SECURE 2.0 became law when Consolidated Appropriations Act, 2023, was signed on December 29, 2022. Many of its provisions encourage small businesses to offer employees a workplace retirement plan with features that support participation. While SECURE 2.0 includes a host of provisions affecting the rules for individuals and employers, this article focuses on the key provisions pertaining to retirement plans.

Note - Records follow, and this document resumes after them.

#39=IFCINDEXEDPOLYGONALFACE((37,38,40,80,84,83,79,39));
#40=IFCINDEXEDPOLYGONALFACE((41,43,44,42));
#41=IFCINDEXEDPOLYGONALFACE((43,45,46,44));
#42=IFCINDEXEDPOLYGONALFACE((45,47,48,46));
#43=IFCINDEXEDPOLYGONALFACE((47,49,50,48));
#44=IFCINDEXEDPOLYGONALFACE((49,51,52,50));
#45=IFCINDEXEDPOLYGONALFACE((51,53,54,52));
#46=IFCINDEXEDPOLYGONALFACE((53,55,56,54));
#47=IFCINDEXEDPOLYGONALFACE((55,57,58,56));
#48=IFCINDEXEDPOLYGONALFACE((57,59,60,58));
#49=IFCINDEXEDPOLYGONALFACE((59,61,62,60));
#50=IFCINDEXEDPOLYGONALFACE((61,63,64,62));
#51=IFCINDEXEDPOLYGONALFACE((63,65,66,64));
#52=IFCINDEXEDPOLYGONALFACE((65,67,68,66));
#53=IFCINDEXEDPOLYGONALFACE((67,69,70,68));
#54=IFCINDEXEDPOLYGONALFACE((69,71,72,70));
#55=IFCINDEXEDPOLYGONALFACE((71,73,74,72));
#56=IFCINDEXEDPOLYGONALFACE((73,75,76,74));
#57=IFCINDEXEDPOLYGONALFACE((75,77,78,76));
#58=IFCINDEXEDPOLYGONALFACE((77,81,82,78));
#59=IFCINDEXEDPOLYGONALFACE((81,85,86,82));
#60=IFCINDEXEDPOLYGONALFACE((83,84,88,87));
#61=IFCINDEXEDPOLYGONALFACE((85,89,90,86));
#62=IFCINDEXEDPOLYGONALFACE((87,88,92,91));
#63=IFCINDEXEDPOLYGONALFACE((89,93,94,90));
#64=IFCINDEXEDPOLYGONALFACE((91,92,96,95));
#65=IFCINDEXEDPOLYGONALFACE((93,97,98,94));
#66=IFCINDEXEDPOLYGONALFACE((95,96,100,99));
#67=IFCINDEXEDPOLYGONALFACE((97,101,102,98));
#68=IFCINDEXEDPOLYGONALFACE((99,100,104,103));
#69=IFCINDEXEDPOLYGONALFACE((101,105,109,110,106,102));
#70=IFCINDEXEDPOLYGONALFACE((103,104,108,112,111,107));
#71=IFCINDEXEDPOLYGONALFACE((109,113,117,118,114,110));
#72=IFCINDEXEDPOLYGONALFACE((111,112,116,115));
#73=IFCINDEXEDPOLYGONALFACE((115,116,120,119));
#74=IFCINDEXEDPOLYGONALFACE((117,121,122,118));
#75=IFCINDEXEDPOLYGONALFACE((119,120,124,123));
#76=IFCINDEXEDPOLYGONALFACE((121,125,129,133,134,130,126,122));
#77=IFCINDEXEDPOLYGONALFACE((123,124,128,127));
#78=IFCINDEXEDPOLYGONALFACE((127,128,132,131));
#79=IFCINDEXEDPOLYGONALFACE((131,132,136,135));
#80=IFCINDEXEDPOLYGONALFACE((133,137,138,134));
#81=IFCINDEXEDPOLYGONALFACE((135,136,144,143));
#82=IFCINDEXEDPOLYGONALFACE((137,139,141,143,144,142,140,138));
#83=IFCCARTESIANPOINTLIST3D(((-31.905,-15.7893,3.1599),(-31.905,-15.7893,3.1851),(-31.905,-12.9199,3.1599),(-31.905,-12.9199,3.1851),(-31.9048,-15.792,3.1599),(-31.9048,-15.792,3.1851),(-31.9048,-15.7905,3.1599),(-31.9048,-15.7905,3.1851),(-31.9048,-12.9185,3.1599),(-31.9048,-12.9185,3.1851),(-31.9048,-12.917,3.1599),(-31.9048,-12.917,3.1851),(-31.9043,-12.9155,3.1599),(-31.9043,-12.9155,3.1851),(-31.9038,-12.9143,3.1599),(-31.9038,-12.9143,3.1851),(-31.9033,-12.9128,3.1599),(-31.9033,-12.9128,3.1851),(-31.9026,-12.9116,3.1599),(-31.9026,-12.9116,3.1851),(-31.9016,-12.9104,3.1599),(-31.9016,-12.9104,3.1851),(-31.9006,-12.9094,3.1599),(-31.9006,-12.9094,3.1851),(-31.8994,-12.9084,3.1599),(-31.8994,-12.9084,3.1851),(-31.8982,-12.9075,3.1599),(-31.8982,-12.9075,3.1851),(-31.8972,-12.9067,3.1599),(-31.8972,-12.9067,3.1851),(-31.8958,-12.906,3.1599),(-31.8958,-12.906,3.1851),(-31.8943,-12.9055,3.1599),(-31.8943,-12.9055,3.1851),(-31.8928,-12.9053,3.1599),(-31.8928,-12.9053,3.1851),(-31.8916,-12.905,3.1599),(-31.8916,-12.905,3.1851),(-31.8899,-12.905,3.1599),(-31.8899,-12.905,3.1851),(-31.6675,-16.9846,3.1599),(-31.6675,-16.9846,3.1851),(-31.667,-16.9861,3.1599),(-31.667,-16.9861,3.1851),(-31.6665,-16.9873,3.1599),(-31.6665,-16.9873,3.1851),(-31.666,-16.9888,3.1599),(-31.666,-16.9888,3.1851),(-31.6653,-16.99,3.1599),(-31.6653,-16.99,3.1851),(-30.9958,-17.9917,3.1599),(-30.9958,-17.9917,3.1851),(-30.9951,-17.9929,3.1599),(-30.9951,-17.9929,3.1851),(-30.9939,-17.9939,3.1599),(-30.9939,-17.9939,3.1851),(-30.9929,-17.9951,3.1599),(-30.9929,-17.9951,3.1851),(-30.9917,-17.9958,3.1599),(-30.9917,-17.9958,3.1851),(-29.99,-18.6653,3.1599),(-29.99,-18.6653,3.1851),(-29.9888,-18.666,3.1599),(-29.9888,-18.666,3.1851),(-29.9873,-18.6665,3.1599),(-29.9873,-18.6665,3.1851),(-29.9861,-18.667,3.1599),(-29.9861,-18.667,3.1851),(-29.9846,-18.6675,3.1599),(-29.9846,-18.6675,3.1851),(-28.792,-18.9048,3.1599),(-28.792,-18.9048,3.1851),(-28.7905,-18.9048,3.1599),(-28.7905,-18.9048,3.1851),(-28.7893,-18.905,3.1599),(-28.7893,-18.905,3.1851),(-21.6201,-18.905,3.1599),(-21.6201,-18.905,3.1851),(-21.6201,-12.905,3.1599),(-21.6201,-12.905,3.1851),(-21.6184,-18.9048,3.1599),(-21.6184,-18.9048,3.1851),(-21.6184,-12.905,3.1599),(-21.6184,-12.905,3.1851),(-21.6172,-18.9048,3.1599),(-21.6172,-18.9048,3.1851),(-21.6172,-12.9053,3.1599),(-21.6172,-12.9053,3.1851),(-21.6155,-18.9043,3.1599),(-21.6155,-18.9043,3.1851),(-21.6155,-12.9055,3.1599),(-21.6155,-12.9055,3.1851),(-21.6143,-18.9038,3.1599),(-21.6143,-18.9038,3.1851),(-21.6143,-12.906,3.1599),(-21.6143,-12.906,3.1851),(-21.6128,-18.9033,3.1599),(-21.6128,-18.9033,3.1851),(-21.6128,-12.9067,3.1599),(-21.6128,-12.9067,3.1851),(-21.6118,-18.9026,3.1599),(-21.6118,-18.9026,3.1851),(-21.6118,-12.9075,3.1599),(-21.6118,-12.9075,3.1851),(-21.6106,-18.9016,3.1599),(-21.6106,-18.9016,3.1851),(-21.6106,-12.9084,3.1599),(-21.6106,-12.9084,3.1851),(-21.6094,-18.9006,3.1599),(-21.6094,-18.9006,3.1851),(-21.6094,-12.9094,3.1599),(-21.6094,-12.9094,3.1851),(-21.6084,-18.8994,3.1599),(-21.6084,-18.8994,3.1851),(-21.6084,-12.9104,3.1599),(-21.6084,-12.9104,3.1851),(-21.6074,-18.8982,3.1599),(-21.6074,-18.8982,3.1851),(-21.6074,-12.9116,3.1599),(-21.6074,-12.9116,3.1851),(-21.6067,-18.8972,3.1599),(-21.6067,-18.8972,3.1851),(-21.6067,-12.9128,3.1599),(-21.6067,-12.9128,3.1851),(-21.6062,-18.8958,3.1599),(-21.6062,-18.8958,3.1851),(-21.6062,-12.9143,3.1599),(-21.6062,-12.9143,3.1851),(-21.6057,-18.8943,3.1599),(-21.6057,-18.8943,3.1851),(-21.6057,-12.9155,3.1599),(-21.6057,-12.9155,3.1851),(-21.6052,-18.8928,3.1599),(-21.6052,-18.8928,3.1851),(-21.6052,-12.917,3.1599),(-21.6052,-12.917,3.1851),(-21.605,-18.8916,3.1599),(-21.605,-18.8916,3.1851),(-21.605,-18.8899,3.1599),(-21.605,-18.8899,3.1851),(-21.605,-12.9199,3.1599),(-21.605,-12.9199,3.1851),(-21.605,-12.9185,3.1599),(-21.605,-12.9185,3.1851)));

What Plan Sponsors Need to Know About SECURE 2.0

SECURE 2.0 lowers hurdles for employers and employees by providing financial support for small businesses to adopt new plans and features while promoting plan participation. With that in mind, here are high-level summaries of the provisions that seem most impactful for retirement plans:

Effective Immediately (2023)

  • Startup retirement plan tax credit. The tax credit for employers with 50 or fewer employees increases to 100 percent of the eligible startup expenses up to the $5,000 limit in each of the first three plan years for plans adopted after December 31, 2022.
    • The credit is not available to existing plans.
  • Employer contribution tax credit. This is available to eligible employers for employer contributions equal to the applicable percentage of the contribution amount up to $1,000 per employee (for employees earning less than $100,000 annually) in each of the plan’s first five years for plans adopted after December 31, 2022.
    • The applicable percentage is defined as:
      • 100 percent in years 1 and 2
      • 75 percent in year 3
      • 50 percent in year 4
      • 25 percent in year 5
      • 0 percent thereafter
    • The full additional tax credit is limited to employers with up to 50 employees and then phases out for employers with 51–100 employees. Please consult with your tax professional to determine eligibility.
    • Defined benefit plans are not eligible for this tax credit.
  • Matching Roth contributions. Plan sponsors who adopt this provision allow participants to direct some or all of the employer-matching contribution to a Roth account (treated as an after-tax contribution in line with the rules around Roth accounts).
    • Participants would recognize Roth matching contributions as income in the year contributed
    • Only applies to 401(k), 403(b), and 457(b) plans (doesn’t apply to SIMPLE or SEP IRAs)

Effective in 2024

  • Catch-up contributions. Mandates that individuals earning more than $145,000 direct catch-up contributions to a Roth account
  • Student loan repayment match. Allows employers to match employees’ student loan payments through a matching retirement plan within elective deferral limits
  • Emergency expense distributions. Allows employees to take up to $1,000 per year without penalty, but it must be repaid before another distribution (It can be repaid through regular pretax deferrals.)
  • Roth RMDs. No longer required for Roth 401(k)s, to match Roth IRA rules
  • Emergency savings accounts. Allows non-highly compensated employees within a 401(k) plan an option to save for emergencies
  • Upgrade to safe harbor 401(k). Employers allowed to “switch” plans midyear from a SIMPLE IRA to a safe harbor 401(k)

Effective After 2024

  • Auto-enrollment requirement. For plans adopted after December 31, 2024, plan sponsors will be required to automatically enroll employees as they become eligible for at least 3 percent, but not more than 10 percent, of their pay, and then increase the deferral rate by 1 percent annually.
    • Exceptions exist for employers with fewer than 10 employees, existing plans, governmental plans, church plans, and SIMPLE IRA plans, as well as for employers that have been in existence less than three years.
  • Escalated catch-up deferrals. The retirement plan catch-up contribution limit for individuals ages 60–63 increases to at least $11,250.
  • Retirement savings lost and found. The DOL will create a searchable database so people can find retirement assets they may have forgotten.
  • Saver’s Match. Starting in 2027, low- and moderate-income individuals who contribute to a qualified retirement account (e.g., 401(k) plan) will be eligible for a match contribution from the federal government. (This replaces the Saver’s Credit.)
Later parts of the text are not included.